I have the same question regarding how to calculate the entry-wise vector
product and find this thread. As a novice, I wonder if the following code
snippet is still the standard for entry-wise vector multiplication that one
should stick to in practice? Thanks!
@fastmath @inbounds @simd for i=1:n
A[i] *= B[i]
end
On Tuesday, October 6, 2015 at 3:28:29 PM UTC+1, Lionel du Peloux wrote:
>
> Dear all,
>
> I'm looking for the fastest way to do element-wise vector multiplication
> in Julia. The best I could have done is the following implementation which
> still runs 1.5x slower than the dot product. I assume the dot product would
> include such an operation ... and then do a cumulative sum over the
> element-wise product.
>
> The MKL lib includes such an operation (v?Mul) but it seems OpenBLAS does
> not.
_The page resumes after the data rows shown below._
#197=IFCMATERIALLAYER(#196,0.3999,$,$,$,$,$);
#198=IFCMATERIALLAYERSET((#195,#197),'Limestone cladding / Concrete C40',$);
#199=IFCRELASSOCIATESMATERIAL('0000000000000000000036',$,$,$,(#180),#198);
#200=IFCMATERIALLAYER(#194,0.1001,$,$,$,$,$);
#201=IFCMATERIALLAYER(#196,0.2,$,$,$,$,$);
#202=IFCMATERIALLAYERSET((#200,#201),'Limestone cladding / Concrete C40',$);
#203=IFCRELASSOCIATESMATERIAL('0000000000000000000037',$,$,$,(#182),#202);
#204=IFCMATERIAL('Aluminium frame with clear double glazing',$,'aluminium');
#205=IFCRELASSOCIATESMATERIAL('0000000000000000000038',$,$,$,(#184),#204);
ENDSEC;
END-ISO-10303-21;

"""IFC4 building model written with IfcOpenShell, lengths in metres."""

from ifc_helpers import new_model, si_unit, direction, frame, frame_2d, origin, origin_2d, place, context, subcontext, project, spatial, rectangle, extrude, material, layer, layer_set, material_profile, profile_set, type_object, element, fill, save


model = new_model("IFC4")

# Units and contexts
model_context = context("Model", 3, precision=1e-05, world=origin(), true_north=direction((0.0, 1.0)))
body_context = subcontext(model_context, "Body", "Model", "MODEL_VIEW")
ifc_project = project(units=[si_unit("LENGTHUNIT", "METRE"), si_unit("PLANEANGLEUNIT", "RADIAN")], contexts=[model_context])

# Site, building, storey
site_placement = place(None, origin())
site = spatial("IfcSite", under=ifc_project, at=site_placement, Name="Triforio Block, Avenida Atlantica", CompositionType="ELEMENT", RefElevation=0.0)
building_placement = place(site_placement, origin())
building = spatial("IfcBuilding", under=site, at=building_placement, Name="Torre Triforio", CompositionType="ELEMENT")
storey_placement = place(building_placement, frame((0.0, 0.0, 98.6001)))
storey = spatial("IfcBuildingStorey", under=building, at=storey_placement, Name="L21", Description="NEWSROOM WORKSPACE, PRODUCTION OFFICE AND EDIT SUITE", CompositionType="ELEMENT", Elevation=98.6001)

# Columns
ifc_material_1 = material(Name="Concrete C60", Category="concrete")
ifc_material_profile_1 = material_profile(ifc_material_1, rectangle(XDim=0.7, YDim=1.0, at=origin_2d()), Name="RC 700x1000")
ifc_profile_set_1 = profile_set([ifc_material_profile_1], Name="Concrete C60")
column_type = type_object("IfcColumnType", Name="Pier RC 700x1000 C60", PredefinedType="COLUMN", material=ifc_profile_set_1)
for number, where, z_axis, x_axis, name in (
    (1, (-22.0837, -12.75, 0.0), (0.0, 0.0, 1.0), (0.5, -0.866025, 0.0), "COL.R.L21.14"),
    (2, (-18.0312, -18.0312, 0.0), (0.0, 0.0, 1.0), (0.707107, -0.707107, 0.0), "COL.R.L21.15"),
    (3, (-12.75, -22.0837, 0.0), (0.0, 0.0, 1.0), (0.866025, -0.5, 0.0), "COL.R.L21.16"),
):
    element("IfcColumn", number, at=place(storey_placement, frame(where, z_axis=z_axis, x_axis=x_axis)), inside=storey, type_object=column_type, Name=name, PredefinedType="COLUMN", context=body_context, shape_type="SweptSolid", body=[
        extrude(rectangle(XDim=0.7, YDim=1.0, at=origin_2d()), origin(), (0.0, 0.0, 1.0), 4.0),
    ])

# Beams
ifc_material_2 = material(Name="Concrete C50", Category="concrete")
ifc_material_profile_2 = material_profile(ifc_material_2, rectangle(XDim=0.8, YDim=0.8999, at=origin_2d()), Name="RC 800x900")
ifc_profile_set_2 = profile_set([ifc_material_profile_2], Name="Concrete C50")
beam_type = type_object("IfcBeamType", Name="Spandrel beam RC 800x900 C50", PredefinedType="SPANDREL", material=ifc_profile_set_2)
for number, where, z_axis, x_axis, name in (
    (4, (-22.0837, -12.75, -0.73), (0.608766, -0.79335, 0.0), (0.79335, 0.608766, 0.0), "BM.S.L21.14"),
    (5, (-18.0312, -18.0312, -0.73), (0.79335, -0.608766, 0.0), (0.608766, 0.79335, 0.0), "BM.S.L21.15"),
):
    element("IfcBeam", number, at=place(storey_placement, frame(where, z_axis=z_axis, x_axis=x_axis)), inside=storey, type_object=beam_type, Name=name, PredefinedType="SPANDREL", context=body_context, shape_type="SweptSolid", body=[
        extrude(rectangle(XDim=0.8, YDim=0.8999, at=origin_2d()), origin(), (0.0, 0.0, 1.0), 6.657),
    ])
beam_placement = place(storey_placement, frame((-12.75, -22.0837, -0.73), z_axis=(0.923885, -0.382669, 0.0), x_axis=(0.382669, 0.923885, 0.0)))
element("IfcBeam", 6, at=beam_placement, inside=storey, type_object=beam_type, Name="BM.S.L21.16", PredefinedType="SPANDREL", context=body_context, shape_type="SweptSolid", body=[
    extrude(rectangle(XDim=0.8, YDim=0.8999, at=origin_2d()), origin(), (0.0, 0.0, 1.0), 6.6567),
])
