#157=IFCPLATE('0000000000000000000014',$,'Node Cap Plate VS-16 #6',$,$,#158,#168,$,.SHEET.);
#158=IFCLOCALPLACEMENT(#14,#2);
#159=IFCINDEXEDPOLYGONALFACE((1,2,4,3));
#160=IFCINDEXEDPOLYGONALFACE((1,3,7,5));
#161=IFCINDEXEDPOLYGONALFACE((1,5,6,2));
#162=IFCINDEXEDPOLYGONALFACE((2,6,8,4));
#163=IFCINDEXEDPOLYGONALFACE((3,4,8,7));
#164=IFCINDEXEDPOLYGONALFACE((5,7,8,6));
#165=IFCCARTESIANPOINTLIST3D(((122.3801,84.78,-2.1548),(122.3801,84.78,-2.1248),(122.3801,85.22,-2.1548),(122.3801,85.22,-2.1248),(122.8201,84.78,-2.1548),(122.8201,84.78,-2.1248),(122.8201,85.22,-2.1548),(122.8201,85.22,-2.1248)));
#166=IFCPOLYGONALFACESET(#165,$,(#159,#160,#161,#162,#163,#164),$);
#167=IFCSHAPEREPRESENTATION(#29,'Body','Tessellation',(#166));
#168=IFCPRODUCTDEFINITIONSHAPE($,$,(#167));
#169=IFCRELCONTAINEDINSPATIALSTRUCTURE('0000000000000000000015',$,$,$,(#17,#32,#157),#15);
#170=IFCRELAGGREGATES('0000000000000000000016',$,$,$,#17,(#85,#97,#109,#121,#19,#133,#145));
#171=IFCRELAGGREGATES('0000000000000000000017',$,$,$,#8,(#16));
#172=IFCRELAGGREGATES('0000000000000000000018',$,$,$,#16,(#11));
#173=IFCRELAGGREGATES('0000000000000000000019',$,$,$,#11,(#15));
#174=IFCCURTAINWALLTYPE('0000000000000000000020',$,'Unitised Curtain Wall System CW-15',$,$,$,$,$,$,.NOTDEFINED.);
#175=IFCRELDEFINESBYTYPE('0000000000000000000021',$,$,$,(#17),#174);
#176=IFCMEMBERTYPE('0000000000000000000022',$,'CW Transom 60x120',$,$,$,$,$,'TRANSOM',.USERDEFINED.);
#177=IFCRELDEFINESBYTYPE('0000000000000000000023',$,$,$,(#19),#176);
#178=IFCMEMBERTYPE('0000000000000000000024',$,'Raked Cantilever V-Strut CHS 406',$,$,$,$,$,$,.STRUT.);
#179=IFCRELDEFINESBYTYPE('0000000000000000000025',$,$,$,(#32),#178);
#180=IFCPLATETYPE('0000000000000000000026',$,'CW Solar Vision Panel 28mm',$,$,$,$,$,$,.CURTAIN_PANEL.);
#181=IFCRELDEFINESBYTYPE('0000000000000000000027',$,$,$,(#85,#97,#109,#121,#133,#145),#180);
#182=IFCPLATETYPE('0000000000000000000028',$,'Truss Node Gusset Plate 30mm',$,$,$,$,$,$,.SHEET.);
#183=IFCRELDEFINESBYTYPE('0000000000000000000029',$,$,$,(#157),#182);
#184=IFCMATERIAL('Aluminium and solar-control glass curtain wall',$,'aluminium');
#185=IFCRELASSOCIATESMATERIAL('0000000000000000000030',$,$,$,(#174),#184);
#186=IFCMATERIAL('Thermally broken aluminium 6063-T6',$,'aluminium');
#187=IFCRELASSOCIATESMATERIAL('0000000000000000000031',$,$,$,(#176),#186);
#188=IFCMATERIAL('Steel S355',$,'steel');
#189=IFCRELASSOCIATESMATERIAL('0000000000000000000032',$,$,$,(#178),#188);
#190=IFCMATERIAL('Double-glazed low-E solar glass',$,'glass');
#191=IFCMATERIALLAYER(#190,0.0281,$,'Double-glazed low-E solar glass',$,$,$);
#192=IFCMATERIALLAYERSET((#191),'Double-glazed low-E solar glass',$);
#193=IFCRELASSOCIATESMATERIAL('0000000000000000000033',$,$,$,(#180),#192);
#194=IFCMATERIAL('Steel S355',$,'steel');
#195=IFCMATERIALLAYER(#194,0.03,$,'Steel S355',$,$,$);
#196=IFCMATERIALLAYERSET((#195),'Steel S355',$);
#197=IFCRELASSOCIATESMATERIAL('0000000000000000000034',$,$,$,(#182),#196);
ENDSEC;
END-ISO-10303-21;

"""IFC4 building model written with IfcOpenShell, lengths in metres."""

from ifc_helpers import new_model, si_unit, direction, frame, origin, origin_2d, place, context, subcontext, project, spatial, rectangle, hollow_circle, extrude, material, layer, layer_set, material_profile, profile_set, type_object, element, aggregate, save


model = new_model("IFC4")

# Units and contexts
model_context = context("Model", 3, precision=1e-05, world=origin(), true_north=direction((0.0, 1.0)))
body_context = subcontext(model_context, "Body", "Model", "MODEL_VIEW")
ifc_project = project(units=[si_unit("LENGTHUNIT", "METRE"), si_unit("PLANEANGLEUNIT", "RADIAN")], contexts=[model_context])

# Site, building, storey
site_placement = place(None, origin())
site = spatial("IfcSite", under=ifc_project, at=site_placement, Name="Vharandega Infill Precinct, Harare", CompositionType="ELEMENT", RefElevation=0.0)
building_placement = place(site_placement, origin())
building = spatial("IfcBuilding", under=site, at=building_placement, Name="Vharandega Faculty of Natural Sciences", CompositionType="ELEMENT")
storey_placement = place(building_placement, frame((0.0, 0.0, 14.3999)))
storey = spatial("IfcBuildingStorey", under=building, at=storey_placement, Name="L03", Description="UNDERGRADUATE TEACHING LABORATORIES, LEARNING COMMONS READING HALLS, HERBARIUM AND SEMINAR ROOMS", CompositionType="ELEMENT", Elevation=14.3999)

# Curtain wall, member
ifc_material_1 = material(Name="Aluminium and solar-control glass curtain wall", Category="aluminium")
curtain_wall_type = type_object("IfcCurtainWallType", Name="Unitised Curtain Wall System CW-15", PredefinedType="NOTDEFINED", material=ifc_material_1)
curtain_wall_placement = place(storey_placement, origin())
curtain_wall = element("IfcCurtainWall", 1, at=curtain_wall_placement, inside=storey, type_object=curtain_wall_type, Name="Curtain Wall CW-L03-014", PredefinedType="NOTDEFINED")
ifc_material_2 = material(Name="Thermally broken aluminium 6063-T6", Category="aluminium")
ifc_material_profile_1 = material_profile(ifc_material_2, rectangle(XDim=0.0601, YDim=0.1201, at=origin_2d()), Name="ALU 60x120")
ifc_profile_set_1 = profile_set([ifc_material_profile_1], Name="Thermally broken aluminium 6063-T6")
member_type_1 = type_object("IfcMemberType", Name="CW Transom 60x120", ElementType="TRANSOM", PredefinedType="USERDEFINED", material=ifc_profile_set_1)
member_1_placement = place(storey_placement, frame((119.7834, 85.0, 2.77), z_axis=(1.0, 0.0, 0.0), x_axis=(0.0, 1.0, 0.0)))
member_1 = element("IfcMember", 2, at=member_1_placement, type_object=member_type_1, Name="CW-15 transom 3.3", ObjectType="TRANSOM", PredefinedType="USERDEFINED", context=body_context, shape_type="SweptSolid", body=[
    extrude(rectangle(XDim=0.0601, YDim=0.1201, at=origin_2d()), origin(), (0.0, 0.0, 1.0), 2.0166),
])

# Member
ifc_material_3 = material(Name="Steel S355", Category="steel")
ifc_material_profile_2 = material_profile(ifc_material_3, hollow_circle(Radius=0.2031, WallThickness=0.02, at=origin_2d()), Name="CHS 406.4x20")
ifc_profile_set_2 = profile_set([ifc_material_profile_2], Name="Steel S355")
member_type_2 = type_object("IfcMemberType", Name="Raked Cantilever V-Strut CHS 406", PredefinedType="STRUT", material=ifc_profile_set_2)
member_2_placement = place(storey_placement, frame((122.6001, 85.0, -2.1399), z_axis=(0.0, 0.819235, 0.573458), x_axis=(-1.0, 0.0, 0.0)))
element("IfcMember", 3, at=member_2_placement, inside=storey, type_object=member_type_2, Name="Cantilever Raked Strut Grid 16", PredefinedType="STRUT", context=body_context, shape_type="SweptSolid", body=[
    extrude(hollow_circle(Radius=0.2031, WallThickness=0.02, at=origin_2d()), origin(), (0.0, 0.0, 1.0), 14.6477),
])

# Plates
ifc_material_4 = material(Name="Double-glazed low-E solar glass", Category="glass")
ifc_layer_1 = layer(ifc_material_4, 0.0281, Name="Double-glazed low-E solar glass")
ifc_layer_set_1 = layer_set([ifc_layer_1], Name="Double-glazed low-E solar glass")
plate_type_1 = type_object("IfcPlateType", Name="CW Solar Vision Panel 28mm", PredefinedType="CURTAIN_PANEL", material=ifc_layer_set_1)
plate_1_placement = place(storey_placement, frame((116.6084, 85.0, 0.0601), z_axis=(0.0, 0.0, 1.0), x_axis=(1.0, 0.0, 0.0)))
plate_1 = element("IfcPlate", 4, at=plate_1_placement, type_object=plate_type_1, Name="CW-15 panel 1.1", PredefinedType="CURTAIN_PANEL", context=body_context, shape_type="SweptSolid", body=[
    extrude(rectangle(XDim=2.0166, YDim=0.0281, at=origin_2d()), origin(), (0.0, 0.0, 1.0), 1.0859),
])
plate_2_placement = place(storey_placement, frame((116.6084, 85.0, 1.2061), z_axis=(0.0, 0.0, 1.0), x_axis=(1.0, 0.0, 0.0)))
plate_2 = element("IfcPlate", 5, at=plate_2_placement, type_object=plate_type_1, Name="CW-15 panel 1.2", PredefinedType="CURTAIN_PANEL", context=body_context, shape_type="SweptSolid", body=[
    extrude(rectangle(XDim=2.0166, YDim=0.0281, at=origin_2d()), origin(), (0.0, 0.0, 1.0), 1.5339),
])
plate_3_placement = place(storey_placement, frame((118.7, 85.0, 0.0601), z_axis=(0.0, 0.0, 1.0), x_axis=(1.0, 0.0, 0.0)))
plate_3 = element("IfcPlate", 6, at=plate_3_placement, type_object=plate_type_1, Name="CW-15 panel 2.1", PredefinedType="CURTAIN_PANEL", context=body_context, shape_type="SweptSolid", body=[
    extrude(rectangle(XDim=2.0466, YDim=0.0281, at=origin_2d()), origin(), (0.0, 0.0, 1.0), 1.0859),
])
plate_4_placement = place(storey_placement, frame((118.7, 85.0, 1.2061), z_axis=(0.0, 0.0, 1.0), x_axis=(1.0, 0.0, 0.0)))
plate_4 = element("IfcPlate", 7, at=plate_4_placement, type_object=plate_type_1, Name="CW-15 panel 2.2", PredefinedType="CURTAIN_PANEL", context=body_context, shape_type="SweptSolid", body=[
So my question is :
>
> 1) is there any chance I can do vector element-wise multiplication faster
> then the actual dot product ?
> 2) why the built-in element-wise multiplication operator (*.) is much
> slower than my own implementation for such a basic linealg operation (full
> julia) ?
>
> Thank you,
> Lionel
>
> Best custom implementation :
>
> function xpy!{T<:Number}(A::Vector{T},B::Vector{T})
> n = size(A)[1]
> if n == size(B)[1]
> for i=1:n
> @inbounds A[i] *= B[i]
> end
> end
> return A
> end
>
> Bench mark results (JuliaBox, A = randn(300000) :
>
> function CPU (s) GC (%) ALLOCATION (bytes) CPU
> (x)
> dot(A,B) 1.58e-04 0.00 16 1.0
> xpy!(A,B) 2.31e-04 0.00 80
> 1.5
> NumericExtensions.multiply!(P,Q) 3.60e-04 0.00 80 2.3
> xpy!(A,B) - no @inbounds check 4.36e-04 0.00 80
> 2.8
> P.*Q 2.52e-03 50.36 2400512
> 16.0
> ############################################################
>
>